A Borboleta e a Pedra

Uma vez prometi transcrever aqui esse texto.
É uma história. E por sua beleza é também um poema.
Ela aconteceu. É um fato real que se desvenda na leitura e que tem um sentido pessoal para mim, e espero que adquira algum para você também.

A BORBOLETA E A PEDRA

A borboleta um dia encontrou a pedra.
Não tinha sido sempre uma pedra,
Mas de tanto levar pancada
A sua casca endureceu.

A borboleta colorida só voava
Eis que naquele dia viu, lá embaixo, a pedra
Viu que por uma fresta ela brilhava
Enxergou, em meio a superfície dura,
Um pontinho pequeno que ainda luz refletia.

Imaginou que aquela pedra
Talvez tivesse sido borboleta um dia...

A pedra contava histórias
De um mundo que ela (borboleta)
Não conhecia (ou jamais vira)
Pessoas de casca ainda mais dura
Onde a luz não alcançava ou refletia
Onde a dor tinha endurecido até a alma.

Contava sobre um mundo cinza
Que a pedra tentou colorir
Antes de virar pedra.

A borboleta nunca tinha ouvido essas histórias
Muito menos notado que este mundo cinza existia mesmo,
Só sabia enxergar colorido...
Cantava para a pedra canções mágicas,
A pedra sorria levemente,
Mas continuava triste e endurecida
(Não é fácil ser feliz depois da dor)
A pedra já tinha visto muita injustiça
Muitas borboletas endurecendo como pedras brutas
Muitas pedras rolando até o fundo do abismo
Nem imaginava que um dia
Uma borboleta colorida ali voando chegaria
Iluminada na escuridão por sua última fresta de luz
Que sobrara da superfície embrutecida.

Viu que a borboleta era bela
Tinha olhos que brilhavam e pareciam frágeis como as asas,
Porque sempre chorava,
Até sem motivo aparente.
A borboleta era tão delicada e feminina,
Demonstrava tanta fraqueza
Que a pedra demorou a entender
Que aquele singelo sorriso
E também a lágrima cristalina
Eram também sua maior força.

Depois disso, a superfície da pedra foi se desfazendo em cacos
Descolando da pele, enquanto uma asa empoeirada se desdobrava.
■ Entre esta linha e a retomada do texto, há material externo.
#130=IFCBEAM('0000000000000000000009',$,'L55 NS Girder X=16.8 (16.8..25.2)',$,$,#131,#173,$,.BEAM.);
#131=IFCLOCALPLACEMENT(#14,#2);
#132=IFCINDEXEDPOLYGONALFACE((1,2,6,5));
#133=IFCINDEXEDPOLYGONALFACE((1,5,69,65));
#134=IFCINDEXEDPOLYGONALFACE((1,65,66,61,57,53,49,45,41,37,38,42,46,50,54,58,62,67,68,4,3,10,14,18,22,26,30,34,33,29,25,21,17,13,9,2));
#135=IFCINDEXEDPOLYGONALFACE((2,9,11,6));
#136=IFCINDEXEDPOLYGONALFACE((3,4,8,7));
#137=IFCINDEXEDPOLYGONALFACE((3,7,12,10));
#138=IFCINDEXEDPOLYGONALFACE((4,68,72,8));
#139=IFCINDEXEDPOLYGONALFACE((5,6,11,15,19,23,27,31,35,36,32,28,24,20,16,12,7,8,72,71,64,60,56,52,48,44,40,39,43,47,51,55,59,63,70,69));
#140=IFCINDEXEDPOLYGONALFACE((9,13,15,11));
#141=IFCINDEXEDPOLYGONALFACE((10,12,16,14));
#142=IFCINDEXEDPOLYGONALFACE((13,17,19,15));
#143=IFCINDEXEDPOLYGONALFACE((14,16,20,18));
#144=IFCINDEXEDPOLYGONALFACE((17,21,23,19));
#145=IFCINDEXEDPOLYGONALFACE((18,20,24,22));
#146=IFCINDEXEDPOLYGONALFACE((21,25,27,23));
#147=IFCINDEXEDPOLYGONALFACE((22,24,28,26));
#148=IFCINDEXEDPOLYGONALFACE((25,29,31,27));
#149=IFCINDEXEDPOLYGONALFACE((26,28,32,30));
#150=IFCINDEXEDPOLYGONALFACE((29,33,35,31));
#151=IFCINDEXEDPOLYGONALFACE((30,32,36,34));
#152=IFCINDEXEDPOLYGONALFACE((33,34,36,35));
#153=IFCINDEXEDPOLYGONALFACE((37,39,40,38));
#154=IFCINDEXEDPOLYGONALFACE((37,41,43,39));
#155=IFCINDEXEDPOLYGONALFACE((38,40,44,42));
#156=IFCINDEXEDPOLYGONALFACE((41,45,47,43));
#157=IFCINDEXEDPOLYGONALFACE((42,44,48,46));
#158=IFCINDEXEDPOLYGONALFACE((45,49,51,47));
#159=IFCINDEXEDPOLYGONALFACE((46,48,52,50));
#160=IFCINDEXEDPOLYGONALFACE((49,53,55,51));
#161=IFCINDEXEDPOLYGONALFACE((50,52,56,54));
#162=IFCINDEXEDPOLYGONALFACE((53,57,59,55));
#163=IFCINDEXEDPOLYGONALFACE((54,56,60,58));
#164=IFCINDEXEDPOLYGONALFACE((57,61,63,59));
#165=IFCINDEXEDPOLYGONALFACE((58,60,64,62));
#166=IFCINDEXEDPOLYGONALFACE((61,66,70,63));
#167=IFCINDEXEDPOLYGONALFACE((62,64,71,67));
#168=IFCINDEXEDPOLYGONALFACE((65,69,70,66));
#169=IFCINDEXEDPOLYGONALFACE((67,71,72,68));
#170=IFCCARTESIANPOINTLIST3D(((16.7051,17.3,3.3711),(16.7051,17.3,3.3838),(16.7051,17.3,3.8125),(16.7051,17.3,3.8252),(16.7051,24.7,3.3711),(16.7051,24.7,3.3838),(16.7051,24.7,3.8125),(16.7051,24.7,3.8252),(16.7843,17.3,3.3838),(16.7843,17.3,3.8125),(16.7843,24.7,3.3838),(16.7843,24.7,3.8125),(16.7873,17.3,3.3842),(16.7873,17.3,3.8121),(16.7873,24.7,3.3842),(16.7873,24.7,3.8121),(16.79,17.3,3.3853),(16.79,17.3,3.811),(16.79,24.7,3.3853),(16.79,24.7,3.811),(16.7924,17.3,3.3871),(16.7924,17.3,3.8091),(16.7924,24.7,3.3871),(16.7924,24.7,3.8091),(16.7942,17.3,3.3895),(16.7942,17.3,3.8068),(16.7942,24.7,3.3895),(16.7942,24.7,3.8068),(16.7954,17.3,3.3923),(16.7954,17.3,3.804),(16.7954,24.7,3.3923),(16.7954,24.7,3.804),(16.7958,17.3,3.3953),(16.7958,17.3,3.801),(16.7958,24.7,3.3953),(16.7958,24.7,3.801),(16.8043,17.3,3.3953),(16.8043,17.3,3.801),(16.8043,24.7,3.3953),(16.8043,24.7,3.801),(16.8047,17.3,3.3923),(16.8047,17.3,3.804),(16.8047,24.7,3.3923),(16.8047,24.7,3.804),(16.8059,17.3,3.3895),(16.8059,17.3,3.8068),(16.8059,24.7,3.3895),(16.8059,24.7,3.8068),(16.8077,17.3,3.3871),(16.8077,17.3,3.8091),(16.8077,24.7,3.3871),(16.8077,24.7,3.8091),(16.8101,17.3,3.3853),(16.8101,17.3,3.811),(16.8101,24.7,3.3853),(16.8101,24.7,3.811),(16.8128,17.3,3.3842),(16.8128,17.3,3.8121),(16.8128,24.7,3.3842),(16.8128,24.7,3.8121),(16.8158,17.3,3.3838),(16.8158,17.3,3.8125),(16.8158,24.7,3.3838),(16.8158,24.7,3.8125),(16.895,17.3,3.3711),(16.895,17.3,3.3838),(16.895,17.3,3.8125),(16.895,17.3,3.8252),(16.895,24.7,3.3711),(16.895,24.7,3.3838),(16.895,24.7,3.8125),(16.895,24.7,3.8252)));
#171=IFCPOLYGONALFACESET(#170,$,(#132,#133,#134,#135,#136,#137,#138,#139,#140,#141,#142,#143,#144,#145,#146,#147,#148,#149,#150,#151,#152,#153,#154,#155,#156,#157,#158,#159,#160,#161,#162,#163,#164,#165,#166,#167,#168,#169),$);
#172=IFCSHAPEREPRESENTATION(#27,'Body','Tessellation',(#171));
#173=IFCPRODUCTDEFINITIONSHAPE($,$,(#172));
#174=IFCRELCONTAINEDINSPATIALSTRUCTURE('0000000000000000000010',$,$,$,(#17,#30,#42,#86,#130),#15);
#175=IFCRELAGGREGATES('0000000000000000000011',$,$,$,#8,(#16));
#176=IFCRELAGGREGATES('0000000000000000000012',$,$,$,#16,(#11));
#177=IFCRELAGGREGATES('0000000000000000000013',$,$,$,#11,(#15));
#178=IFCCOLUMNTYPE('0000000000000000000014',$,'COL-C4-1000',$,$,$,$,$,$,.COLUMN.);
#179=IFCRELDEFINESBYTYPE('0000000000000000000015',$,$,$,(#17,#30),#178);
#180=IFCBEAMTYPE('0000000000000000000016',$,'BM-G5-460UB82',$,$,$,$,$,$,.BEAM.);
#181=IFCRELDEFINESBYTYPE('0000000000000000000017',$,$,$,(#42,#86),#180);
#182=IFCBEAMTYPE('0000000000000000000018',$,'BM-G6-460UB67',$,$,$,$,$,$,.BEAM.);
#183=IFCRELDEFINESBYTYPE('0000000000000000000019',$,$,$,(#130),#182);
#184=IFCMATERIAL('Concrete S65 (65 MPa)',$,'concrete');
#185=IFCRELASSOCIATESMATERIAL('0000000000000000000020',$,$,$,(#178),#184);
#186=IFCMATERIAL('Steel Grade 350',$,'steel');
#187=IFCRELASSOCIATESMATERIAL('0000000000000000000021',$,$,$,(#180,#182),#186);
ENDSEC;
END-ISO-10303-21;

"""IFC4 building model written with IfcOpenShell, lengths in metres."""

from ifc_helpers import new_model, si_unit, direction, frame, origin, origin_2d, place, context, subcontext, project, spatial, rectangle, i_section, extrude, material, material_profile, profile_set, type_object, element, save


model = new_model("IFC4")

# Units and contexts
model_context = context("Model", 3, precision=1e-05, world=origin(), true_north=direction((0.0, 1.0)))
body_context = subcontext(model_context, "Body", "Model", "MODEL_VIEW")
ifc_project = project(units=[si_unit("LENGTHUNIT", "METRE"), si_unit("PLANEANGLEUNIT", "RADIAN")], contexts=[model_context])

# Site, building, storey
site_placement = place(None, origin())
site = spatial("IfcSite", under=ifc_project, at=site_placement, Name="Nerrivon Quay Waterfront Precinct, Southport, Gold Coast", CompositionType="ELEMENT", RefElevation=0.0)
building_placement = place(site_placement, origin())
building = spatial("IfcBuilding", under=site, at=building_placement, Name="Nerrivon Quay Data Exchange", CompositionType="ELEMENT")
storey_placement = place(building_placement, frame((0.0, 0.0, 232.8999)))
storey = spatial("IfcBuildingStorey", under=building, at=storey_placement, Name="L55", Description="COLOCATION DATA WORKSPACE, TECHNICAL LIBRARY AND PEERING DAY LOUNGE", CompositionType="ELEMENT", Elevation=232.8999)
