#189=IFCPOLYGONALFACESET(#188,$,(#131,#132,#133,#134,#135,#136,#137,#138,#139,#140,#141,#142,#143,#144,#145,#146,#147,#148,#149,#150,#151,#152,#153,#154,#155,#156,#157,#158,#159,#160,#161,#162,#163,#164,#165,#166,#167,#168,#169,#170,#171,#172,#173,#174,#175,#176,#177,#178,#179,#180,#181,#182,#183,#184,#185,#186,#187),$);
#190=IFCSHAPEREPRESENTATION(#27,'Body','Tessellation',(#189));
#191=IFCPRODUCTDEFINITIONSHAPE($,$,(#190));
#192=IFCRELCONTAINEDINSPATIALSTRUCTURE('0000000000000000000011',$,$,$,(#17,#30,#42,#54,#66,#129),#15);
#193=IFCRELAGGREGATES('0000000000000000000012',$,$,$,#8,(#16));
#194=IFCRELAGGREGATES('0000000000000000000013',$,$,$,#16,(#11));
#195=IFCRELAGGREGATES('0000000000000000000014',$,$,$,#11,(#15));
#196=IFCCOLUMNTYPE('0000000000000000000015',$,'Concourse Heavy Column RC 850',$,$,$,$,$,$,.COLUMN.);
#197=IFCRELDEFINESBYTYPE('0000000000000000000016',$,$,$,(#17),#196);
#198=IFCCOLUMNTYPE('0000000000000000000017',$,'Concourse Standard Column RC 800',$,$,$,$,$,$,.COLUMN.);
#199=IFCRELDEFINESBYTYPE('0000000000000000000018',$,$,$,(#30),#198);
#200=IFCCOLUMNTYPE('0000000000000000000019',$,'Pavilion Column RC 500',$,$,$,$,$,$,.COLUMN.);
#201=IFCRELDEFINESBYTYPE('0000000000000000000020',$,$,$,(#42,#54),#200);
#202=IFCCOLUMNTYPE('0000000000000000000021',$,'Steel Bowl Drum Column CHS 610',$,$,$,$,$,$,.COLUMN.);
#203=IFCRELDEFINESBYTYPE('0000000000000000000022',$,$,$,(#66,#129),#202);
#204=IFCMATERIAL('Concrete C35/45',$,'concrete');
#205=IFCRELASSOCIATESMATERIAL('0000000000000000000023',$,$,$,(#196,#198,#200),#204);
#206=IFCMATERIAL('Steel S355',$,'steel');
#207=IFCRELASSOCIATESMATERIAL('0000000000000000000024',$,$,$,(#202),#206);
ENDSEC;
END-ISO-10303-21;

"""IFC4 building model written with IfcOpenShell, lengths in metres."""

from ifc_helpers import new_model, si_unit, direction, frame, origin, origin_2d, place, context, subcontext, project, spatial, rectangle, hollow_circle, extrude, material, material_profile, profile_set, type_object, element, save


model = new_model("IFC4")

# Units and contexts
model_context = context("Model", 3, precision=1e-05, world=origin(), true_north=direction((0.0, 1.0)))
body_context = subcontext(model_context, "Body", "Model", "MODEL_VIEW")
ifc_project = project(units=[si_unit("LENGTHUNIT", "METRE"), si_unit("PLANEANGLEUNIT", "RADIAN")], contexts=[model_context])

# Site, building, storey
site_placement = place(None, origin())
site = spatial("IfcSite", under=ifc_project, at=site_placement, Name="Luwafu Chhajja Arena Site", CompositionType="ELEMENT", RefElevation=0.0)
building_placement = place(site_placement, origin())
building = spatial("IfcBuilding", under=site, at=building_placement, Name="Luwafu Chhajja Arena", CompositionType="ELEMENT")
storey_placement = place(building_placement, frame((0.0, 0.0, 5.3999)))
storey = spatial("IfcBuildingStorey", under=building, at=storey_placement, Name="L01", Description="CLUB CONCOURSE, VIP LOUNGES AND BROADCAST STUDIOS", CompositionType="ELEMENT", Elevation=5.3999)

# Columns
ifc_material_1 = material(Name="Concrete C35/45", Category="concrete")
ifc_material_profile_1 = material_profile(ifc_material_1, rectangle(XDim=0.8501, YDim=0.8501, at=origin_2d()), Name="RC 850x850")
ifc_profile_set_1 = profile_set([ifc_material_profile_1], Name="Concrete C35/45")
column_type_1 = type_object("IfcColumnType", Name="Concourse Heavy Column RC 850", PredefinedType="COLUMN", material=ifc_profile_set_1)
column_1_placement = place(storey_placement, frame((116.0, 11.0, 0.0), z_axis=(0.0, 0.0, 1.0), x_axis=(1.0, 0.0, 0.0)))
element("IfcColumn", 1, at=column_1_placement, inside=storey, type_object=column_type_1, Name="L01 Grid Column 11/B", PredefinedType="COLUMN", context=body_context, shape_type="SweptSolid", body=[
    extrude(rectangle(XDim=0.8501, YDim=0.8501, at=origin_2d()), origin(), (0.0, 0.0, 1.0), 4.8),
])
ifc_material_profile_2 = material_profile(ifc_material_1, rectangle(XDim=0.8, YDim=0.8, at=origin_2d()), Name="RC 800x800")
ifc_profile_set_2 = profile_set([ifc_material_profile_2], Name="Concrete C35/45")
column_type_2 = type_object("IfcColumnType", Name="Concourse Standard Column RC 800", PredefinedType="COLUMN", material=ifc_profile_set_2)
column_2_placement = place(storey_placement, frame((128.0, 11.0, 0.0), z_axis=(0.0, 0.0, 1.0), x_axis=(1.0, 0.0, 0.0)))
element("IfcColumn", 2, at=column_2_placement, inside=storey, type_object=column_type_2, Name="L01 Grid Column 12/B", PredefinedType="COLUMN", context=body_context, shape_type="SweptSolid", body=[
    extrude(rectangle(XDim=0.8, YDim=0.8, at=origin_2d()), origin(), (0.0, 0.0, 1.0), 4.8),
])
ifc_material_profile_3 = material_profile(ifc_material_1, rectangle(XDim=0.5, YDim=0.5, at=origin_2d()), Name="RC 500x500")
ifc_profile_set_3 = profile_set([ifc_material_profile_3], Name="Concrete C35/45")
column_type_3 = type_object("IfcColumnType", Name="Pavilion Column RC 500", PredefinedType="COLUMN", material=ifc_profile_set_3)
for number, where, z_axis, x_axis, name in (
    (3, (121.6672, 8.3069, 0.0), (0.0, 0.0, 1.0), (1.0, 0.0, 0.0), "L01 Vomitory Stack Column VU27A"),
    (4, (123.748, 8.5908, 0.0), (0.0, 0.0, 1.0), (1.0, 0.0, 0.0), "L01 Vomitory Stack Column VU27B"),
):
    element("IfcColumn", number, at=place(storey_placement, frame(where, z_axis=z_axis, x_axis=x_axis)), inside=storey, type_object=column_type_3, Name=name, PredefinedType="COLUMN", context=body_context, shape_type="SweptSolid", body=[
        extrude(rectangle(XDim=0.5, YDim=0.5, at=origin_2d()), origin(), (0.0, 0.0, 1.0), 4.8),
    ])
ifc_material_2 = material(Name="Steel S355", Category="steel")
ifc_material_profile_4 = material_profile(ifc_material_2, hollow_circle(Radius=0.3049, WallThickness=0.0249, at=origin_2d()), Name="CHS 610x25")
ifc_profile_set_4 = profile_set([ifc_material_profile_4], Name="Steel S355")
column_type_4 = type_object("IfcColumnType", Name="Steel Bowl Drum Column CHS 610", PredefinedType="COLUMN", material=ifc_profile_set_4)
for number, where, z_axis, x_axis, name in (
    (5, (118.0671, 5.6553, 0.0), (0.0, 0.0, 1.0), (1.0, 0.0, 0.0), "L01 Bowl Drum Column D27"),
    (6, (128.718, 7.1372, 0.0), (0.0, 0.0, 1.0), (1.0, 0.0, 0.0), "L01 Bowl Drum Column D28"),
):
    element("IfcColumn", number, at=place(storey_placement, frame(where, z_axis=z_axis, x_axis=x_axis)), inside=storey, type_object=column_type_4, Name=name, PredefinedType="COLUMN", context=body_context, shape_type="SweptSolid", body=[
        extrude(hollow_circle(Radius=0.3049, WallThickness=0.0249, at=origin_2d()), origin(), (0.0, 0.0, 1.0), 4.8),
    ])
A borboleta admirada confirmou o sonho
De que aquela pedra dura tinha sido um dia tão encantada quanto ela,
Só que com asas ainda maiores.

As duas deram-se as mãos e alçaram um vôo longo.
Saíram do abismo,
Encontraram planícies repletas de flores,
Árvores e cachoeiras.
Precisavam da luz do sol e das estrelas
Para voltar ao abismo e trazer as pedras que ficaram.
E fariam isso, inevitavelmente, no dia seguinte...

A história termina aqui mas para mim ela continua dessa forma, com uma espécie de dedicatória:

... E foi assim que eu o conheci
Eu borboleta, você pedra,
Com a imensa vontade de voarmos juntos,
Hoje, sempre e no dia seguinte...
(Em que voltaríamos para levantar vôo com a humanidade ao nosso lado).

3 comentários:

beto melodia disse...

olá, aline.

os meios e os motivos para nossa evolução, tão bem retratados nessa bela história, mais real do que muitos a julgam capaz de ser.

beijos em seu coração e um ótimo fim de semana.

mundo azul disse...

Muito linda a sua história! Que essa borboleta conserve sempre as asas brilhantes e coloridas...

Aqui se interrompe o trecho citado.